In 2017, Channel 4's short-film series Random Acts featured Ganjei's satirical animated comedy Taste of Your Own Food, about dating in supermarkets. He has also produced the short films Waiting for Potato and Freelancer with production company Blink.

In 2018, Ganjei exhibited a solo show, It's Really Not Funny, at London's War Gallery. Works displayed in this show included an oil-painted CV, and a painting of his Barclaycard. He tried to sell the painting to Barclays, but they did not purchase it and suggested he cancel his card for security reasons.

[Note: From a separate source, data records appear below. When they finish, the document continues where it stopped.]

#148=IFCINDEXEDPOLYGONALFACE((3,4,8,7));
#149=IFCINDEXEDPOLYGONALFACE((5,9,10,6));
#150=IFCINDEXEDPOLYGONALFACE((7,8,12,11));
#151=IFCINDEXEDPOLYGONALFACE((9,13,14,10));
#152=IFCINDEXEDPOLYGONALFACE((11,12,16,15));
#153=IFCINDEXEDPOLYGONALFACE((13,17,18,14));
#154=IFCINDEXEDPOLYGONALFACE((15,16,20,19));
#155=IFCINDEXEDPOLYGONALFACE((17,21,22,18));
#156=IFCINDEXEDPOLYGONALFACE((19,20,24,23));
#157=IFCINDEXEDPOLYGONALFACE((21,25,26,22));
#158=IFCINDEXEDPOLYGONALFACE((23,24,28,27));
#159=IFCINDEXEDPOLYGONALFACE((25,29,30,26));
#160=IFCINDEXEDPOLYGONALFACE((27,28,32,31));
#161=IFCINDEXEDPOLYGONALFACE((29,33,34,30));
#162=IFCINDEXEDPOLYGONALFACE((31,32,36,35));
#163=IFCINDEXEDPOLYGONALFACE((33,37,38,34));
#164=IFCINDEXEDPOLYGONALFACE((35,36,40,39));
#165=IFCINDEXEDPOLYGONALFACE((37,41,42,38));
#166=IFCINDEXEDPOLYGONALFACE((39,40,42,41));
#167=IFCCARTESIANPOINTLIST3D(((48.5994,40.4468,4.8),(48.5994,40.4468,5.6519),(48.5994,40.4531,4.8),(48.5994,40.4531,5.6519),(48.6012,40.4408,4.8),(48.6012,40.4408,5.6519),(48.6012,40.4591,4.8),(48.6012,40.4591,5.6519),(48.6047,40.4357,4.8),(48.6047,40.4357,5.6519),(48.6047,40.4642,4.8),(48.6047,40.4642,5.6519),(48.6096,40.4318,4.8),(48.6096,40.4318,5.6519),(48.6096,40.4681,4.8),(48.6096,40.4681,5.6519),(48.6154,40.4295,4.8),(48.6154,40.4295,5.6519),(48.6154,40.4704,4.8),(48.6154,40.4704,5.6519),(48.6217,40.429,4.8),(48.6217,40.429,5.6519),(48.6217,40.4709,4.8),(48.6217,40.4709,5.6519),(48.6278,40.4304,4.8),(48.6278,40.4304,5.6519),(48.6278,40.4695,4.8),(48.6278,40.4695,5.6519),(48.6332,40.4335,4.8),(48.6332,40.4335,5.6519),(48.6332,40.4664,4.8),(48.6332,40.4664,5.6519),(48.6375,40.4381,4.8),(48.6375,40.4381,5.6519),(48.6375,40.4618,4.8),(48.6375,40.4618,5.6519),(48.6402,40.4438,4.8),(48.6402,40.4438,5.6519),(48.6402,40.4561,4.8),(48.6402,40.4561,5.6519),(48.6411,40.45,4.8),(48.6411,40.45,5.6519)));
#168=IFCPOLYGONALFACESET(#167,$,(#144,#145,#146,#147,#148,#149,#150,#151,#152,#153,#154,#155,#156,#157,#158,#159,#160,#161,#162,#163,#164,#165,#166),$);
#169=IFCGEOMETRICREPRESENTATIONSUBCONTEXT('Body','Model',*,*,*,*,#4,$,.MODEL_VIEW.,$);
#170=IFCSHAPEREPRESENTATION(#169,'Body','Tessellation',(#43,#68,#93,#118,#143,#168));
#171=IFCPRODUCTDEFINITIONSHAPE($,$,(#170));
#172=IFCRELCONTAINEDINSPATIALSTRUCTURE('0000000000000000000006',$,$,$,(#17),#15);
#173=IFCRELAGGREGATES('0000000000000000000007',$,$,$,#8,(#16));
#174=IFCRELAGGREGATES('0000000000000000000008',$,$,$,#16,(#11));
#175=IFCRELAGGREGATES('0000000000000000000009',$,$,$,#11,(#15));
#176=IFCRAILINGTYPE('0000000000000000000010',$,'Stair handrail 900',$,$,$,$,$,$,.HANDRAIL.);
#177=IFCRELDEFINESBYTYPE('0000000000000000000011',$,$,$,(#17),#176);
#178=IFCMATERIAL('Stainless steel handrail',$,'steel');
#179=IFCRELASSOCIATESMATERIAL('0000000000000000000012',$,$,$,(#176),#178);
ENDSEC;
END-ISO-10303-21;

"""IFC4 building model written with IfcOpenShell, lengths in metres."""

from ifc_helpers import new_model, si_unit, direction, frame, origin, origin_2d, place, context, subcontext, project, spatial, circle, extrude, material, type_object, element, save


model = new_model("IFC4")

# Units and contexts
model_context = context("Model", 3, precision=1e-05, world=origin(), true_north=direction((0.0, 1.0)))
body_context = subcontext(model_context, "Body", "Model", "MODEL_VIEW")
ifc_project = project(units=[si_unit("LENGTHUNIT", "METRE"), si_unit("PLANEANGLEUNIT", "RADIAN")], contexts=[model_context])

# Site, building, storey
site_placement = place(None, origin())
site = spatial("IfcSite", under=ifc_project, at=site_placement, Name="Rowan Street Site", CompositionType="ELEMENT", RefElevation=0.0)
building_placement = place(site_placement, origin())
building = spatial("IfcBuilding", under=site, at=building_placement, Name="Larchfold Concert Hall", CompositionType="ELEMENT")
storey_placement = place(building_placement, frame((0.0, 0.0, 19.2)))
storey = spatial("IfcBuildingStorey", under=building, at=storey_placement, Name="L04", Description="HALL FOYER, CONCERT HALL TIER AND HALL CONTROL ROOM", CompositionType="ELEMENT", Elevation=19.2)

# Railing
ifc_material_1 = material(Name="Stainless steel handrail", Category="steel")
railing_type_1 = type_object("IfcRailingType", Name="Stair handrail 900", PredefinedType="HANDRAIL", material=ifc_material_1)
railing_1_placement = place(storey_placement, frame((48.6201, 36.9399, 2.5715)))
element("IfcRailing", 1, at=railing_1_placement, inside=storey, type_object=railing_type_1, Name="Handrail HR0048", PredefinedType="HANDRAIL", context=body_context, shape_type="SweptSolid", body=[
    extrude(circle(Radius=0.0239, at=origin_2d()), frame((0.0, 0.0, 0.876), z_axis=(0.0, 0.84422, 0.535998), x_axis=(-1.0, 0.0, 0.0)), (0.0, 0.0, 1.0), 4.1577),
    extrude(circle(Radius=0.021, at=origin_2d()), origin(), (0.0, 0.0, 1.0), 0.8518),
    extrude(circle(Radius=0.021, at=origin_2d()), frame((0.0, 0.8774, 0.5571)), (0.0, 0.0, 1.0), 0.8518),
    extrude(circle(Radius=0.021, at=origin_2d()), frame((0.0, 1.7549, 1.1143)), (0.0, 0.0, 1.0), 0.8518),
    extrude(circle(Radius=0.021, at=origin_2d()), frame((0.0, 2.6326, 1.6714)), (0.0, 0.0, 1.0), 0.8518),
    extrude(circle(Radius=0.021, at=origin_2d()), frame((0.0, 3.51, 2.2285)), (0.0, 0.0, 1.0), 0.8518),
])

He also published his first book with Rough Trade Books, Film Ideas. The concept for the book originated when Ganjei was retweeted by comedian Rob Delaney, and was consequently followed on Twitter by a number of film producers. Ganjei then started tweeting film ideas.

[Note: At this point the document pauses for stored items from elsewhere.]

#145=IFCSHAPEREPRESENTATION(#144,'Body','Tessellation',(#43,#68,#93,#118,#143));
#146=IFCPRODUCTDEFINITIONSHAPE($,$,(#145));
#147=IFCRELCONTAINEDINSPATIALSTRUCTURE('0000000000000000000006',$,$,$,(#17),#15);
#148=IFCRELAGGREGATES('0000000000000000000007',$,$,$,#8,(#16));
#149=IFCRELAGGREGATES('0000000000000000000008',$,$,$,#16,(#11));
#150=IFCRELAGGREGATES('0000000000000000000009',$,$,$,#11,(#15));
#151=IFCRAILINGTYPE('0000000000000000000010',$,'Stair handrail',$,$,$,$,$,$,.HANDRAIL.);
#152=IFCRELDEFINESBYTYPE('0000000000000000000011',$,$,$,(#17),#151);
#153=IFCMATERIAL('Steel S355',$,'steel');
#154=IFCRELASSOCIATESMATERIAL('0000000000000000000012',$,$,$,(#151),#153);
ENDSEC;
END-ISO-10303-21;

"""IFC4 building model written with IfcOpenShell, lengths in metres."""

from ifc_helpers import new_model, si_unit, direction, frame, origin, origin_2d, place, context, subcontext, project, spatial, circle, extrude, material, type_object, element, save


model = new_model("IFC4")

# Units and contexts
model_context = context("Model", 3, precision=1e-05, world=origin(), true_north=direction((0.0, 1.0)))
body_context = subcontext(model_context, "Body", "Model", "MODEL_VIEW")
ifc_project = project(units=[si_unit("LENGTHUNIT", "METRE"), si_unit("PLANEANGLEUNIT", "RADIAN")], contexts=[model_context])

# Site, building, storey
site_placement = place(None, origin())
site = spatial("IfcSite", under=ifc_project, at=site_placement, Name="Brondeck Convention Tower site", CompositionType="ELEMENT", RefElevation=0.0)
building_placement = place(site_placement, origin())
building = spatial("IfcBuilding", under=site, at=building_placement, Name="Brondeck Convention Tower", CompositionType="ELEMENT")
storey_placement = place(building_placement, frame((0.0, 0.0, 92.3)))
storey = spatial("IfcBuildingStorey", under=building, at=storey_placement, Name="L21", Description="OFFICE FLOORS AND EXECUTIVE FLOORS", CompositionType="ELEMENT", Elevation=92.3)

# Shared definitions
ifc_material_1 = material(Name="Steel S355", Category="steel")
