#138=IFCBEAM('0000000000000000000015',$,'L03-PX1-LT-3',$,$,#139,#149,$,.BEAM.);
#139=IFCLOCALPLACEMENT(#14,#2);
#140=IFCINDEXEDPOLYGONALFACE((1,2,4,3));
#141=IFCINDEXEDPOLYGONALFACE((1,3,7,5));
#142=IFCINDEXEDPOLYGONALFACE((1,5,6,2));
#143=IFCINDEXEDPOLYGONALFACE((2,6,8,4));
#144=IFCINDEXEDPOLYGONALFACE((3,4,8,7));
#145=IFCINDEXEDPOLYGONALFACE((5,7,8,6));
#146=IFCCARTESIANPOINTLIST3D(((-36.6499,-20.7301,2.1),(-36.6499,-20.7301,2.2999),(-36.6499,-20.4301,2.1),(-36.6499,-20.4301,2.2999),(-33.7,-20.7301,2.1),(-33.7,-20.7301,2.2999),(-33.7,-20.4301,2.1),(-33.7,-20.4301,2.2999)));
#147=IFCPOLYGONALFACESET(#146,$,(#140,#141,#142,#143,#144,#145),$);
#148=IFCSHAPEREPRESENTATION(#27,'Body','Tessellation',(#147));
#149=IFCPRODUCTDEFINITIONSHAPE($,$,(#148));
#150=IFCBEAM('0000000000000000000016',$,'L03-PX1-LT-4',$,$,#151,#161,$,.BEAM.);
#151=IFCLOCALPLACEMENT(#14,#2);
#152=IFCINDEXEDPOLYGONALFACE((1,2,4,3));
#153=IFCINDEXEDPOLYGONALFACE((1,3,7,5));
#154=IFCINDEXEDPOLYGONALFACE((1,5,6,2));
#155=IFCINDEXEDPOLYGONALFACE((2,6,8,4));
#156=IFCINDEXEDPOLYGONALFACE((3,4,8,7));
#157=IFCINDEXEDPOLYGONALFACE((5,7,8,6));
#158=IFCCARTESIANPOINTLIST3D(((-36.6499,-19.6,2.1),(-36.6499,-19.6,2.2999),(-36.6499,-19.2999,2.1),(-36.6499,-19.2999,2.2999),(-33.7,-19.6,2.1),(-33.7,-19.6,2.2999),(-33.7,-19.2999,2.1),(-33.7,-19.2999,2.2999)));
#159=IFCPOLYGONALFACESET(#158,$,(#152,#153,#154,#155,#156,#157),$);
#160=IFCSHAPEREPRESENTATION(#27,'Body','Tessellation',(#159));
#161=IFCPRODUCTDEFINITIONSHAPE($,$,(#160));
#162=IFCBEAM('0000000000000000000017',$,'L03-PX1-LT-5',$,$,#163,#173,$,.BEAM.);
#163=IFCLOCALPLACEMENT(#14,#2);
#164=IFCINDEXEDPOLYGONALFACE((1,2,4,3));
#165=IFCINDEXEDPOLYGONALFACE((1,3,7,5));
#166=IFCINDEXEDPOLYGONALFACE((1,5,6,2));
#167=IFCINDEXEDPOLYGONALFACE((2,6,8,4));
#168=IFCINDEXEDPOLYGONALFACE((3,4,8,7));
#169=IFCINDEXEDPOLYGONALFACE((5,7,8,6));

In 2019, Ganjei featured in the BBC Radio 4 programme Can My Eleven Year Old Fix My Life? with his son Arthur. When Arthur turned 12, this was followed with another programme, Arthur Cares, in which he acted as an agony uncle and dressed his father up as a dinosaur to promote his father's art.

In 2021, fashion boutique Browns showed a selection of Ganjei's neons and works on paper in their Shoreditch store in an exhibition called Honey Wagon. Ganjei described the structure of the show as being like a band playing a set full of greatest hits. That year he also published his second book with Rough Trade, Art Is The Thing Nobody Asked You To Do, which the publisher describes as "a radical new take on the artists' manifesto". In 2021 Ganjei also designed a commission for Liverpool's Bluecoat gallery.

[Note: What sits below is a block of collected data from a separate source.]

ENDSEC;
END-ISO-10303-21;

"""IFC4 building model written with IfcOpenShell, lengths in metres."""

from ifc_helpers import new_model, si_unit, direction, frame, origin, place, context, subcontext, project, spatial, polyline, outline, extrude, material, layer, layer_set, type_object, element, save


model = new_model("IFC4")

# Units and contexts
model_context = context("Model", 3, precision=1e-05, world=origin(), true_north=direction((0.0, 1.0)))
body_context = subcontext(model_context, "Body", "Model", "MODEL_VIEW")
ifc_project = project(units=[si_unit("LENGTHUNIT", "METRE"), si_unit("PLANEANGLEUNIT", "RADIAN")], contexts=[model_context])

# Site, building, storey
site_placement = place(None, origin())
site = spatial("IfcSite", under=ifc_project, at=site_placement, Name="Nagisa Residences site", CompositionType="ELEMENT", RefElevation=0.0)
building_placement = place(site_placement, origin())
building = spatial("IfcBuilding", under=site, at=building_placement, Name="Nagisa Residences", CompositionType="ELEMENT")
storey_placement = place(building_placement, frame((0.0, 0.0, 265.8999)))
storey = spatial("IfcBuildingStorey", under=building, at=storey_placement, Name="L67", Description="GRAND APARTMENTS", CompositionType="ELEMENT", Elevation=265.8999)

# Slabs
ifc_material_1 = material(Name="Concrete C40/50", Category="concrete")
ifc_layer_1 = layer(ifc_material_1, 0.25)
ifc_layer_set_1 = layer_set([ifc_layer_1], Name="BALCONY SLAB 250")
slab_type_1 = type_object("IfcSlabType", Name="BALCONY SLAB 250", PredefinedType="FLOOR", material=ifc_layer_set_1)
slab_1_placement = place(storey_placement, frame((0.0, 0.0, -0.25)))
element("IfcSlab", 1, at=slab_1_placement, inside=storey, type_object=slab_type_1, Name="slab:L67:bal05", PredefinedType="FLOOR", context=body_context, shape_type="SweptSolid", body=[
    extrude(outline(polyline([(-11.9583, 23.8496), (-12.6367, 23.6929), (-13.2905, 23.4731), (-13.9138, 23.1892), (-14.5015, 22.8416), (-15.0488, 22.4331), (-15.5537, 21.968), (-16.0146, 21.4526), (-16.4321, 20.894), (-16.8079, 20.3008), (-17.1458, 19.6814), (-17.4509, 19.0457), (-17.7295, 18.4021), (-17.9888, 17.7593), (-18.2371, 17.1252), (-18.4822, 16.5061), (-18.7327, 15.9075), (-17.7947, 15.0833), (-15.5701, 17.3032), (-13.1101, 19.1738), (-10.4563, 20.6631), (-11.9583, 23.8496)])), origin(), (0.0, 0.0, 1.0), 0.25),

He would work with the Bluecoat again for a 2024 solo show, Thanks for Having Me. This included a section entitled "Greatest Hits". The gallery described Ganjei's exhibition as "reflecting back on a life of operating on the margins and never quite being sure where he belongs".

As part of a promotion for the soft drink Irn-Bru, Ganjei exhibited his work in The BEEP Show. This consisted of word art paintings inspired by awkward or embarrassing text messages people have sent, and was shown in November 2024 at pop-up galleries in London and Edinburgh.

Ganjei hosts a show, Hot Mess, on NTS Radio.

== Style and influences ==
Ganjei describes his early influences as the band Nirvana, and the punk / DIY aesthetic. His work is frequently confessional and humorous. He is noted for his text-based paintings, which Dazed described as "reading like fragments of a diary or notebook while often exposing the mechanisms of their own production ('This art takes about 15-20 min') or revealing snippets of dialogue from his interior monologue ('I'm in the bush outside and I really love you')".

Emily Gosling writing for It's Nice That described his paintings of sitting rooms from sitcoms as having a naive style. Gosling also described his illustrations of acts playing London's Vision festival, including Camera Obscura, Fat White Family, Holy Fuck and Jens Lekman, as "sweet doodlings".

A review of his Bluecoat show for Art in Liverpool described the exhibition of a letter to a friend with the line "I could keep going but there's a part of me that is already thinking I need to keep this snappy in case it is published or printed on a wall" as "performance [art] of the self in a uniquely dishonest form".